[comp.os.vms] FORT vs. zero-length strings

ZSYJKAA@WYOCDC1.BITNET (Jim Kirkpatrick 307 766-5303) (02/08/88)

Regarding the following, earlier posting --

     I tripped over the following this week (VMS 4.6, FORTRAN 4.71-271)
     ------------------------------------------------------------------------
     $TYPE TEST.FOR
         CHARACTER*8 RED
         RED = ''
         END
     $ FORTRAN TEST
     %FORT-E-ZERLENSTR, Zero-length string
[and so on]

What the REAL problem is, is that FORTRAN character variables always have
fixed length; if you say RED = 'HI' it really gets padded to RED = 'HI      '
(since you declared RED as CHARACTER*8).  Thus, you cannot have zero-length
character variables.  Somebody at DEC (or would it be ANSI) mis-interpreted
this as meaning you cannot have zero-length character strings.  It seems to
me, if I say RED=character-string, and if character-string is less than 8
characters long, it gets padded with (8-size) blanks;  why this does not apply
if character-string is zero characters long, in which case 8 padding bytes
should simply be added, baffles me.  Every computer system I've been on has
some mentally-retarded feature that doesn't handle some sort of "zero"
condition properly.  I remember a big argument with SDS (long ago!) that
their SORT utility should not abort if the input file contains zero records,
it should simply sort all zero records and build an output file containing
all zero records in proper order!  They insisted sorting zero records was an
error condition.

If anybody has the ANSI standard handy, could you look up the formal definition
of a character string and let us (or me) know if zero-length strings are OK?
I'd hate to flame DEC if ANSI deserves it instead.

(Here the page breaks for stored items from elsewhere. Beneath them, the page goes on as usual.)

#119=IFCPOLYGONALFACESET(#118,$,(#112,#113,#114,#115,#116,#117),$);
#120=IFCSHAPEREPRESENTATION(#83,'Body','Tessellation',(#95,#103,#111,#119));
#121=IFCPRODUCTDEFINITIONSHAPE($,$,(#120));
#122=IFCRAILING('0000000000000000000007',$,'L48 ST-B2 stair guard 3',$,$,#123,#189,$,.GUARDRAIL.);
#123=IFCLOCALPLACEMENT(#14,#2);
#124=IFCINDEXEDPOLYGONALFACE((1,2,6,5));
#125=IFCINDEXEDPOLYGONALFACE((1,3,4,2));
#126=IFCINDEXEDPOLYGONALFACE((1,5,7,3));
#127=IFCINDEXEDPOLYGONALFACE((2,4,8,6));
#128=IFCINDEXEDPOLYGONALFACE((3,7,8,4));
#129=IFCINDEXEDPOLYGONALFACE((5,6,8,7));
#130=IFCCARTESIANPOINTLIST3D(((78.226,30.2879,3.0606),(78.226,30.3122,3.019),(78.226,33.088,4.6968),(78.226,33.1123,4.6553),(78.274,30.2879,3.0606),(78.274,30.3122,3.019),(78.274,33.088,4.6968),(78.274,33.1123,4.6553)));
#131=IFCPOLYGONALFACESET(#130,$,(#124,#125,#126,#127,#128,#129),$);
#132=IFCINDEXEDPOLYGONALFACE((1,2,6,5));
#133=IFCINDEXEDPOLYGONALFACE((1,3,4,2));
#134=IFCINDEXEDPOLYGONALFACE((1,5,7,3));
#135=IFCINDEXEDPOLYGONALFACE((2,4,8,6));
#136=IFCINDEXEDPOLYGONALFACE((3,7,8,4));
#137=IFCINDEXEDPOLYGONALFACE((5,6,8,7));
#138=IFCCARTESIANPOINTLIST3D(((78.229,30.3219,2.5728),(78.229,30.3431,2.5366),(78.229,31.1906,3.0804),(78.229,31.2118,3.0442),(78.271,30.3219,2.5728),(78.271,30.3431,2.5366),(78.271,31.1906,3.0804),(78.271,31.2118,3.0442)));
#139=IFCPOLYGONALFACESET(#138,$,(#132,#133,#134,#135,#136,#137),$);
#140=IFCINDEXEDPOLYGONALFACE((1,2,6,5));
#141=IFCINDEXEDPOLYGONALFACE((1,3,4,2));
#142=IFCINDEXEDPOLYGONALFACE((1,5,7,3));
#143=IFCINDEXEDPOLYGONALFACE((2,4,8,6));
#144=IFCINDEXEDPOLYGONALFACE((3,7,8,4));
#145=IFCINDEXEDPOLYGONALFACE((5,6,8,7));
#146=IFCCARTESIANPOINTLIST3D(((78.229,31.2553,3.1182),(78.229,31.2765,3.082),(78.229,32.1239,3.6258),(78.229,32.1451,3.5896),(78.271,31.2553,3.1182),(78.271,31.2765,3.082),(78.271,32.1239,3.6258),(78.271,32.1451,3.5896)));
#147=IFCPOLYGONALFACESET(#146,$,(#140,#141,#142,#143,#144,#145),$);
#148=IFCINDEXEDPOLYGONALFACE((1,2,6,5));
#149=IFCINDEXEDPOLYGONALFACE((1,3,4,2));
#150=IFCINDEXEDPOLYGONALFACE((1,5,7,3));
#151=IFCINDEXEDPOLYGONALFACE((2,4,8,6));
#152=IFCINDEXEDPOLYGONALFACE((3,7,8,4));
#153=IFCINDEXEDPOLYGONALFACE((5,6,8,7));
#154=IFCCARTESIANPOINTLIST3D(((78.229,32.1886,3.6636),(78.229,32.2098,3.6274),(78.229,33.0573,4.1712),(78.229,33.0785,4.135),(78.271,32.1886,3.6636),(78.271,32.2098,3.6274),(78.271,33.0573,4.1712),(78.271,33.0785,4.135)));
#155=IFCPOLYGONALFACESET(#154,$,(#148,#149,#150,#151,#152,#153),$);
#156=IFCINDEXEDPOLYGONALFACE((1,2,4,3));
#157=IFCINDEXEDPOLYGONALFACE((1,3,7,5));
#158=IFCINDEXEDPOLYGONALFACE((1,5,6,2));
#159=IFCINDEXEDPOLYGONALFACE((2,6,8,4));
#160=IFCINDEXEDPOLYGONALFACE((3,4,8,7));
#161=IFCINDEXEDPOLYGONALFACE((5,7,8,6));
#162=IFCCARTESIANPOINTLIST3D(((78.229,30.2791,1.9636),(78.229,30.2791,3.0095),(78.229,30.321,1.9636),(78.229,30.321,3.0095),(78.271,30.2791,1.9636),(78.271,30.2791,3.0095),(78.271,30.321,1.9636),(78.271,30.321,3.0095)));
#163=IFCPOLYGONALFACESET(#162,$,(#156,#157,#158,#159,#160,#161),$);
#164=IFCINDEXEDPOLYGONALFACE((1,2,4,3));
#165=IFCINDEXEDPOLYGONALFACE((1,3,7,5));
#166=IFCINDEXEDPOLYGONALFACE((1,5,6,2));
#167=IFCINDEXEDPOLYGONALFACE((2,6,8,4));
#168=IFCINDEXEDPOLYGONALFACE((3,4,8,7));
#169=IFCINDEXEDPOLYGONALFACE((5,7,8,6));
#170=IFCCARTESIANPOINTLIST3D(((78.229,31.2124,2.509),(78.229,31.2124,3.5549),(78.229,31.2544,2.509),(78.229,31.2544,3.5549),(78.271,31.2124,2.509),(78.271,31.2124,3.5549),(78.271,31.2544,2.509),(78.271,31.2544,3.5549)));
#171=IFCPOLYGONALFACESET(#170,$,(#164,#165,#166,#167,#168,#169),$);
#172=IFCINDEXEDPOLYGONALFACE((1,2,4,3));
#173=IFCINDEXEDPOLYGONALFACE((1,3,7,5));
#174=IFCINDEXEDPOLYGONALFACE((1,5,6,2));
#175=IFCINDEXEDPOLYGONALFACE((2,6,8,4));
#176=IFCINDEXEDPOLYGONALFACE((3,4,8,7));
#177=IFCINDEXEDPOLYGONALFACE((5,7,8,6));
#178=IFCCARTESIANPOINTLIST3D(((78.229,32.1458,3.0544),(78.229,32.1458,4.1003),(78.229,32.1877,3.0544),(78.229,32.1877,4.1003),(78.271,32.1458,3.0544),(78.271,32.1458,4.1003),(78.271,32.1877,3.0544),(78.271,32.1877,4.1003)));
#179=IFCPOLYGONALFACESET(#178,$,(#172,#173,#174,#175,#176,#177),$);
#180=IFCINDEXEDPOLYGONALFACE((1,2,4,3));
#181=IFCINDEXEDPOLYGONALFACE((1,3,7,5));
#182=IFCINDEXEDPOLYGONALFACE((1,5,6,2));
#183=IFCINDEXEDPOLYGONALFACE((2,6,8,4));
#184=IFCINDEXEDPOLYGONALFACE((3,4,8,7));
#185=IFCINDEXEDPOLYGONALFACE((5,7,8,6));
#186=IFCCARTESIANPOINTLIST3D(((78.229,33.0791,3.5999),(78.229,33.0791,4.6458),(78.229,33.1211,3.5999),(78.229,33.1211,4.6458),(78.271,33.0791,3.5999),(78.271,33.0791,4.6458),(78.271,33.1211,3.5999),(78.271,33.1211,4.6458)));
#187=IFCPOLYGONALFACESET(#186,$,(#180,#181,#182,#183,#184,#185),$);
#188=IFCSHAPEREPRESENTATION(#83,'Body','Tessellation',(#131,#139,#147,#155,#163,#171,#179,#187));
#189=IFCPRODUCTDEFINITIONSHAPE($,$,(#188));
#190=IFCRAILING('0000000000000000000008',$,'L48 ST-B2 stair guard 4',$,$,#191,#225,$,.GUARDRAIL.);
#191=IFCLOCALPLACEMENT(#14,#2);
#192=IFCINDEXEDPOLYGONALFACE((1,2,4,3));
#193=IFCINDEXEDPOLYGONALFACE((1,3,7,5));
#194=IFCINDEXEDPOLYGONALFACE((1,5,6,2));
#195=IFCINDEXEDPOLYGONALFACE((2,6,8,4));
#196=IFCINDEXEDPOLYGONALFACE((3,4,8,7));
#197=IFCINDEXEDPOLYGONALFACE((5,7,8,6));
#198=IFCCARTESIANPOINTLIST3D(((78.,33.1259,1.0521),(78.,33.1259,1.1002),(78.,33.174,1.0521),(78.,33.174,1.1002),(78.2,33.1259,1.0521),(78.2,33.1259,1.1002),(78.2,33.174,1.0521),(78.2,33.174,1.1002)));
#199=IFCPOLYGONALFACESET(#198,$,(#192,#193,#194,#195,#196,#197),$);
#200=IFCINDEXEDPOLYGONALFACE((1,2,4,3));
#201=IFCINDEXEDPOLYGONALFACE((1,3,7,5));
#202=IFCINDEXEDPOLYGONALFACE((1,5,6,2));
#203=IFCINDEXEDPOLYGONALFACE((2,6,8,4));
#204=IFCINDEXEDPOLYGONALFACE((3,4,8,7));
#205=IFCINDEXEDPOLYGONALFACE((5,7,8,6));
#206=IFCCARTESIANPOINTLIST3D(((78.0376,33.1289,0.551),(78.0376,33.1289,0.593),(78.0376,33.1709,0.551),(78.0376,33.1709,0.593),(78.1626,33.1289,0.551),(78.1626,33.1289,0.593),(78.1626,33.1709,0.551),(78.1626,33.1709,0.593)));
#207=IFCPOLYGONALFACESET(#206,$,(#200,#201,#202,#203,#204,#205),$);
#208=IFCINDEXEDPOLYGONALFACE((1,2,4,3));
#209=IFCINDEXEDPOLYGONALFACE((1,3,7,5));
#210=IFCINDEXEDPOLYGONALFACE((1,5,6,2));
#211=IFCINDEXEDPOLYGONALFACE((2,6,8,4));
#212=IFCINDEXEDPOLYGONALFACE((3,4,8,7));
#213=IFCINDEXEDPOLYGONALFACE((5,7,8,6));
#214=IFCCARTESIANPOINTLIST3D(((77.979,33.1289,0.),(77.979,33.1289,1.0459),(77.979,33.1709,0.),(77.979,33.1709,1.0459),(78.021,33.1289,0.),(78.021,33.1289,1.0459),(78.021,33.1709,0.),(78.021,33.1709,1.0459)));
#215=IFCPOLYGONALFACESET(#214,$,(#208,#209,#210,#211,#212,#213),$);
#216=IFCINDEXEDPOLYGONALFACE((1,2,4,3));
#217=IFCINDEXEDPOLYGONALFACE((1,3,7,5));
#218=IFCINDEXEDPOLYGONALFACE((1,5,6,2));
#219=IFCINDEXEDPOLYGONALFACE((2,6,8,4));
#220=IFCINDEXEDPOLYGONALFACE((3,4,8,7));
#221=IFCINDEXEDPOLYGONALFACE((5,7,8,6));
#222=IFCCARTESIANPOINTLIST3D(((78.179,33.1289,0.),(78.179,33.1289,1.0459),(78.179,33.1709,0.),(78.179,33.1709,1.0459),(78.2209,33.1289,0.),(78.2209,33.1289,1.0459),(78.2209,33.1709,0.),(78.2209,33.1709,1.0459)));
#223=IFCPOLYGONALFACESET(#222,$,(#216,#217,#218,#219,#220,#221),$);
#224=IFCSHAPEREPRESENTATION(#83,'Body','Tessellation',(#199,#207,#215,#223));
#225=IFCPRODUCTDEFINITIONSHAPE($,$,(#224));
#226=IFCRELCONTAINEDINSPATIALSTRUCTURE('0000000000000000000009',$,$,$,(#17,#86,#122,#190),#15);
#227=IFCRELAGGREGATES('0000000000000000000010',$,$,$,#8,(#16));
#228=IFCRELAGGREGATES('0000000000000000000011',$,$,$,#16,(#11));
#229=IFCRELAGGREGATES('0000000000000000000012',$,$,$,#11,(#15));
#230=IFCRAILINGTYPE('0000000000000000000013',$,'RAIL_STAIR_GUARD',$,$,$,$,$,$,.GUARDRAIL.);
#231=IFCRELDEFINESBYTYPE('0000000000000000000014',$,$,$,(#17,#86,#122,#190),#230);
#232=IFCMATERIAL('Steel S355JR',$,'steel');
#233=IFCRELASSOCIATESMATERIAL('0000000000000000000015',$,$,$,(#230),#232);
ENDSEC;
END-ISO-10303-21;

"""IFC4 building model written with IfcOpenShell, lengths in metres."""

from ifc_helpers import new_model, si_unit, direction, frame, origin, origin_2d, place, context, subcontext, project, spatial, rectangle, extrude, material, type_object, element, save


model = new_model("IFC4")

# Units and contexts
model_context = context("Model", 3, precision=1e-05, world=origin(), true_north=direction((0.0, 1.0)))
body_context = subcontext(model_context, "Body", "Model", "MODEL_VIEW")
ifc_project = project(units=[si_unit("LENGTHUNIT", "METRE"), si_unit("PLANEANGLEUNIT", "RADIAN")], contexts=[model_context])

SCHOMAKE@HNYKUN53.BITNET (Lambert Schomaker) (02/15/88)

To understand the problem one first has to know how character strings are
passed in Fortran-77. Contrary to many other languages, they are not passed
by mere reference (i.e., "pointer" or "address"). In f77, a character argument
is in fact a reference to a special table, the descriptor. In this table, we
can find, among other things, the pointer to the location where the data
actually are stored. Character argument (points to)----->
Descriptor:
     [class...][dtype...][length..........]
     [address.............................]   (points to)------> [string.....]

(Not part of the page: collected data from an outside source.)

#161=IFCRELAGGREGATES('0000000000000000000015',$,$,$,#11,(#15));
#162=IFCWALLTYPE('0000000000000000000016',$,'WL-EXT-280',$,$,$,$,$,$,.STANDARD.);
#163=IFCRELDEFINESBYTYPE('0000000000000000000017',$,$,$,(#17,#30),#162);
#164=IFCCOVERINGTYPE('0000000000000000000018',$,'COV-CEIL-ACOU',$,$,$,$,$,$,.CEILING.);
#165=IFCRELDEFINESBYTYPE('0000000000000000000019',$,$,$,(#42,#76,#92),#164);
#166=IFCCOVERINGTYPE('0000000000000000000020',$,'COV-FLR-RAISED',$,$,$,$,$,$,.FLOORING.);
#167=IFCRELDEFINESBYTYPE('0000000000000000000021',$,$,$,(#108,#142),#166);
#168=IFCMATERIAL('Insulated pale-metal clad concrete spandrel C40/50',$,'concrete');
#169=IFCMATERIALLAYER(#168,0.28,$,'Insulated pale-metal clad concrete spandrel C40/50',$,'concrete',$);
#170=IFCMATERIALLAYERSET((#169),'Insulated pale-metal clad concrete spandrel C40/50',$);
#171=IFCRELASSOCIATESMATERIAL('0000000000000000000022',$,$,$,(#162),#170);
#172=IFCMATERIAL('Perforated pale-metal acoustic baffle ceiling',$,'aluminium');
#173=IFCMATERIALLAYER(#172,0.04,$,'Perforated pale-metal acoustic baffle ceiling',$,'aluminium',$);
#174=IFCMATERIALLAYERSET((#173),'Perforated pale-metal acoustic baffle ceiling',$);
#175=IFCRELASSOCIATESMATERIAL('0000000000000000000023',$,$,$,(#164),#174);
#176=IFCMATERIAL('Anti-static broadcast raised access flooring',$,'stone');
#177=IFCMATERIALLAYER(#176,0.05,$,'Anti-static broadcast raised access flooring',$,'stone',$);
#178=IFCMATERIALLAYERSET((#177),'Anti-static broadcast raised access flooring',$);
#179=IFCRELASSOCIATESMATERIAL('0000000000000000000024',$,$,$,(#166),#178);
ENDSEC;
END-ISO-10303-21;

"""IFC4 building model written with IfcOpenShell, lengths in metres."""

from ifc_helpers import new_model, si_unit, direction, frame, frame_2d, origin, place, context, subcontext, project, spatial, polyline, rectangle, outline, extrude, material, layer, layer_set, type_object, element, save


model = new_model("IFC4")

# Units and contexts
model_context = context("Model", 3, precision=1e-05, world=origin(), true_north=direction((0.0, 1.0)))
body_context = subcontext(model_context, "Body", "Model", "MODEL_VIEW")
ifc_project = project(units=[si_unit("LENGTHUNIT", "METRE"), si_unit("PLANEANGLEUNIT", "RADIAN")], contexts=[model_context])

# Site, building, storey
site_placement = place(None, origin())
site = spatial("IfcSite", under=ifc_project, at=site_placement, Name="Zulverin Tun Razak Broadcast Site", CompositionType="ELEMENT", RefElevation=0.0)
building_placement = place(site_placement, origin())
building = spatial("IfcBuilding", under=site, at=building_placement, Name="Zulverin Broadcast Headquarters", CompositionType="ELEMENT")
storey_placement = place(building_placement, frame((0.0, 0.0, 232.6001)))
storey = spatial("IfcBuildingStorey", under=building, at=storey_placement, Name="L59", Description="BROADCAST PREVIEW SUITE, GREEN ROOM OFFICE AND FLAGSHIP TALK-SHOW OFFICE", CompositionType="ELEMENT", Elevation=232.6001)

The class field (DEC/VMS DSC$B_CLASS) is 8bits, the type field (DSC$B_DTYPE) is
8bits, the length field (DSC$W_MAXSTRLEN) is 16bits which explains the maximum
string size of 64kbytes. In fact the character string is just one data type
possibly pointed to by such a descriptor. To my knowledge, VAX Fortran-77 only
uses descriptors for strings, though.

Now the important part: the length is the DECLARED length. What the designers
(ANSI?) forgot is that in practice you need USED length most of the time.
We are missing a "DSC$W_USDSTRLEN" field.

CHARACTER*132 STR
STR='FOO'            in most applications the trailing 129 blanks are a nuisance

There are several solutions to this problem. The dirtiest I have ever seen is
falling back to NULL termination, STR='foo'//CHAR(0), and using
INDEX(STR,CHAR(0))-1 to find USED string length. Another solution is to get
behold of the used length as soon as possible. In the constant assignment the
programmer knows 'foo' has three characters. When reading a string one should
use the Q format: READ(*,'(Q,A)') LS,STR. The next step is to pass the obtained
string to a subroutine in the following way: CALL MAKE_LOWER_CASE(STR(:LS)).
This way we make sure the trailing blanks do not require any processing.
In the subroutine, LEN(STR) will return the value of LS in the caller.
In concatenating strings, we explicitly keep track of the current string size
by covarying a separate integer variable:

       STR='foo'//SUBS(2:K)
       LS=3+K-2+1

If this is unwanted or boring, use a function LENU(str) which scans a string
backward until a non-blank is found and returns the used size. Too bad if you
meant some blanks to be there at the tail.

About zero-length strings.
Using the above rules, a zero length string is a string passed to a subroutine
as STR(I1:I2) where I2=I1-1 and I1.GT.0 (otherwise you get ugly memory access
violations).

        CHARACTER*5 STR
        LS=0
        CALL SUB(STR(:LS))
               .
        SUBROUTINE SUB(S)
        CHARACTER*(*) S
        WRITE(*,*) LEN(S)              will return length of zero.
        RETURN
        END

It is all a bit kludgy. Nevertheless, I wouldn't want to go back to the
old days of FORTRAN-IV string handling. At least f77 allows character functions.

                         Lambert Schomaker,           SCHOMAKER@HNYKUN53.BITNET

PS Does anybody know if the forthcoming F8x is different in this respect?